弁護士の猿田佐世氏が22日、コメンテーターを務めるテレビ朝日系「羽鳥慎一モーニングショー」(月~金曜午前8時)に出演。年末の物流業界で働く人の状況を「悲惨ですよ、悲惨」と訴えた。

番組では、年末の物流業界で配送遅延が生じていることを紹介。例年年末はクリスマスやお歳暮の配達などで荷物量が増えるが、近年はブラックフライデーの影響で荷物が急増していることを伝えた。

猿田氏は、運輸業界で慢性的に人手が不足する理由について「他の業界より長時間労働であったりとか、心臓疾患での労災認定が一番多い業界なんですけど。非常に過酷な労働なのに、賃金が安いということで常に人が足りない状況」と語った。

一方、ネットで買い物をすることが当たり前になり「片や私たちは配送料無料でいろいろ注文して、無料が当たり前みたいになっている」とし、「働いているところにも人がいるんだよと、『お金の価格転嫁』ということを業界の方は必ずおっしゃっていて。お願いしているならお金は払っていかなかきゃいけないと。私たちも商品を送っている会社の人も、ドライバーさんにお金が回るようにしないと人手不足も解消されない。構造的な問題だろうと思います」と指摘した。

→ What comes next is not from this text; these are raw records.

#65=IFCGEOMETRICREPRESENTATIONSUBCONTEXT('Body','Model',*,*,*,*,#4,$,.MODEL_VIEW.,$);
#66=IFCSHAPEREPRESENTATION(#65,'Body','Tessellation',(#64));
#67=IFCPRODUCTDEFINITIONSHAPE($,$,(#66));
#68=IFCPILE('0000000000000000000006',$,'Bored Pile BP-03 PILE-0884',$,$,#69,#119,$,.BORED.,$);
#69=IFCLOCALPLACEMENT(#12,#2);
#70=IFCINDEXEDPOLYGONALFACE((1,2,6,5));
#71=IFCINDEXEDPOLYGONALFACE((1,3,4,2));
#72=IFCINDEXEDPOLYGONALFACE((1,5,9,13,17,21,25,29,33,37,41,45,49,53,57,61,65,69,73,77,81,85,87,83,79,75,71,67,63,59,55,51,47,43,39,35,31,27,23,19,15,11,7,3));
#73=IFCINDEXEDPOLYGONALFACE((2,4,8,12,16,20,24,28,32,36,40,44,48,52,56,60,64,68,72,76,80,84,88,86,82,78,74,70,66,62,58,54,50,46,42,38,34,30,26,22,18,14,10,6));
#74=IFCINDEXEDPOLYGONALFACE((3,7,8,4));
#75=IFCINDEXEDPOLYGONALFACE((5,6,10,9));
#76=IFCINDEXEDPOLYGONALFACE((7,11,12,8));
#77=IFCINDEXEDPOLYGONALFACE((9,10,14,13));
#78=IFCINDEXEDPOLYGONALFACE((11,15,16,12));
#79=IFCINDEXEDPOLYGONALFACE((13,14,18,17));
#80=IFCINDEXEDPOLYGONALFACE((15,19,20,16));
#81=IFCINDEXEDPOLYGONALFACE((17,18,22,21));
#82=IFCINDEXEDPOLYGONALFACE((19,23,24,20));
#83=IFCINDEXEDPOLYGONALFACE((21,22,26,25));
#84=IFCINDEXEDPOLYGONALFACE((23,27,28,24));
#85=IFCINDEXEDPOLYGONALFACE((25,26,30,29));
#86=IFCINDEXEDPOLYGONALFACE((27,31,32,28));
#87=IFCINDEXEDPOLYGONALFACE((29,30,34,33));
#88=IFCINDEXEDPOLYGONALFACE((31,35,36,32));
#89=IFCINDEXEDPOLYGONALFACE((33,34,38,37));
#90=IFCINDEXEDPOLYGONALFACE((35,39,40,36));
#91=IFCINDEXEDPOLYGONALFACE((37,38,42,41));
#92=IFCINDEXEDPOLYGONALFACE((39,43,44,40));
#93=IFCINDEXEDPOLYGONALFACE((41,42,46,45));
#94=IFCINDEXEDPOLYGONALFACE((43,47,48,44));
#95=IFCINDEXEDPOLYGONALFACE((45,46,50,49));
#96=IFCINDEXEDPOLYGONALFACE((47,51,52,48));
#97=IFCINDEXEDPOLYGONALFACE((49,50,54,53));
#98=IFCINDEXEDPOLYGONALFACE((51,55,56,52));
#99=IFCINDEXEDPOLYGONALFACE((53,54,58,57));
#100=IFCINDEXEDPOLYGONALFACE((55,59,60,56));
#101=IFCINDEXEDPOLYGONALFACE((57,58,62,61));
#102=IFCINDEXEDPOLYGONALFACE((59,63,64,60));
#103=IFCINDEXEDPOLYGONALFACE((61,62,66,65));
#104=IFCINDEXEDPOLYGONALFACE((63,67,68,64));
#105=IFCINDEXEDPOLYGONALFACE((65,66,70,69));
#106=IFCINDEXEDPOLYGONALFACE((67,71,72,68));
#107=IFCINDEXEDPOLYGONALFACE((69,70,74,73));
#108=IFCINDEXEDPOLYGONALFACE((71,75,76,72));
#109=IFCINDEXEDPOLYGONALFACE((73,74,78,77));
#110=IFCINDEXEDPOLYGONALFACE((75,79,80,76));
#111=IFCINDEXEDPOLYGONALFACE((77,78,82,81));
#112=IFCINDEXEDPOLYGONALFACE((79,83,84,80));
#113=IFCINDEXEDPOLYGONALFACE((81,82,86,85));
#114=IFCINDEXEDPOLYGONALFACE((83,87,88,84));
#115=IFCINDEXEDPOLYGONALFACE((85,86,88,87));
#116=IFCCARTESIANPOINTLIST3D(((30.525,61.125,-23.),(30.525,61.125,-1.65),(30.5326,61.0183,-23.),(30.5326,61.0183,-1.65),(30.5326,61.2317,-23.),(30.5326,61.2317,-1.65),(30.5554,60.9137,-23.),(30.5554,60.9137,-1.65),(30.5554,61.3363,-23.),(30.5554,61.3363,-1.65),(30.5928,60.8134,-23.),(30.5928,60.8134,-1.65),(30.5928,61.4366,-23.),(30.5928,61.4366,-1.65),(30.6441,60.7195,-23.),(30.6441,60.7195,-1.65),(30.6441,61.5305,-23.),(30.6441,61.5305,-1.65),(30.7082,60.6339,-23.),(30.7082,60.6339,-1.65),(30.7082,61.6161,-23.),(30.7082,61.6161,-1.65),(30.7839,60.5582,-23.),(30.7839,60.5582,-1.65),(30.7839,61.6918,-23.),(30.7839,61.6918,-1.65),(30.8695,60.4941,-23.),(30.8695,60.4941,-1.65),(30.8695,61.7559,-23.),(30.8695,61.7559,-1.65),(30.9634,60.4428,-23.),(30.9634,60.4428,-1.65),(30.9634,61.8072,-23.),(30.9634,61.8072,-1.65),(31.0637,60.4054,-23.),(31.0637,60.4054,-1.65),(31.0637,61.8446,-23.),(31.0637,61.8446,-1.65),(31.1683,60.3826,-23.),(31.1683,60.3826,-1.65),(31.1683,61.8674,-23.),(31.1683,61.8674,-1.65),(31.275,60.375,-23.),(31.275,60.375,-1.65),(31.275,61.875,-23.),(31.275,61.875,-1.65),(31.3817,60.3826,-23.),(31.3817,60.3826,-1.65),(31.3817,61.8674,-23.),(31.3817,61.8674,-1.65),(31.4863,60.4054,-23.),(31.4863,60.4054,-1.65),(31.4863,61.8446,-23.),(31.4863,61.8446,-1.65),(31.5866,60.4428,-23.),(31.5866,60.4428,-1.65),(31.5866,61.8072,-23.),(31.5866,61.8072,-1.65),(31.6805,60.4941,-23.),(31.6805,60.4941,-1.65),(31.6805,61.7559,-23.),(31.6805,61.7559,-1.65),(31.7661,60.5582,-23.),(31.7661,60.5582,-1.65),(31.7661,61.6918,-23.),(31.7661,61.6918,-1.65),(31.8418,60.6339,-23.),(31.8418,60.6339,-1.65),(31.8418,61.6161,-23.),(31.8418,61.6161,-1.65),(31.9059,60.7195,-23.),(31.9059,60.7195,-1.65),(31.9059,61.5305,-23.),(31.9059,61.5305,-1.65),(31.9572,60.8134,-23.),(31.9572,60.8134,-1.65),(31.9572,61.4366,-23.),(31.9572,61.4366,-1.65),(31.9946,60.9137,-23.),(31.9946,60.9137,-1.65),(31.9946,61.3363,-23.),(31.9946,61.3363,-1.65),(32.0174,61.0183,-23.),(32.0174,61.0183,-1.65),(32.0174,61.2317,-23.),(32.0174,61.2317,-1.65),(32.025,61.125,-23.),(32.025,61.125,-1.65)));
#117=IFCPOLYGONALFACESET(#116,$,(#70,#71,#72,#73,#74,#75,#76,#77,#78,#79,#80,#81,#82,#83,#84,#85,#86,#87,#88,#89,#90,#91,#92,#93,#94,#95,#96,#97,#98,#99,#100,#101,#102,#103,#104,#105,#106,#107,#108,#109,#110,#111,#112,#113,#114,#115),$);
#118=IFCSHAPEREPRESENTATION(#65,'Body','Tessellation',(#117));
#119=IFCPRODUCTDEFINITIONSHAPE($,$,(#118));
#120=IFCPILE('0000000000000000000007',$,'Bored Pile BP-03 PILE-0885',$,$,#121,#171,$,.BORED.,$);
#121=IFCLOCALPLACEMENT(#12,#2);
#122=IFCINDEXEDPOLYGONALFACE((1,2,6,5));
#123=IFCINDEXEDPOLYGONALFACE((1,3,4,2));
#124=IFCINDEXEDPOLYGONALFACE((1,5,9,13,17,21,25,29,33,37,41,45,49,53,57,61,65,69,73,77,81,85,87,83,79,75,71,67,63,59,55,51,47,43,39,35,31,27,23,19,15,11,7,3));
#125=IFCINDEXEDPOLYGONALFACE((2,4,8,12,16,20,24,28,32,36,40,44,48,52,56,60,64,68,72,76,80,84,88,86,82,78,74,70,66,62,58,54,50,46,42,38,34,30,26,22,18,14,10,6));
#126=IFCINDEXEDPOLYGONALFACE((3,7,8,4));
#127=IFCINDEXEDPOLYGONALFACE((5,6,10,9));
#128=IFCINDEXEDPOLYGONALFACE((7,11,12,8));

番組は配送業者に密着。荷物を休憩なしで配達する様子や、時間短縮のためマンションの10階から階段を駆け降りる姿を伝えた。猿田氏は配達業者の過酷な労働を「悲惨ですよ、悲惨。自分がやりたいかと言われたらやれないじゃないですか」と訴えつつ、「感謝しかないですよ。感謝しか。本当に申し訳ない。ありがたいです」と話していた。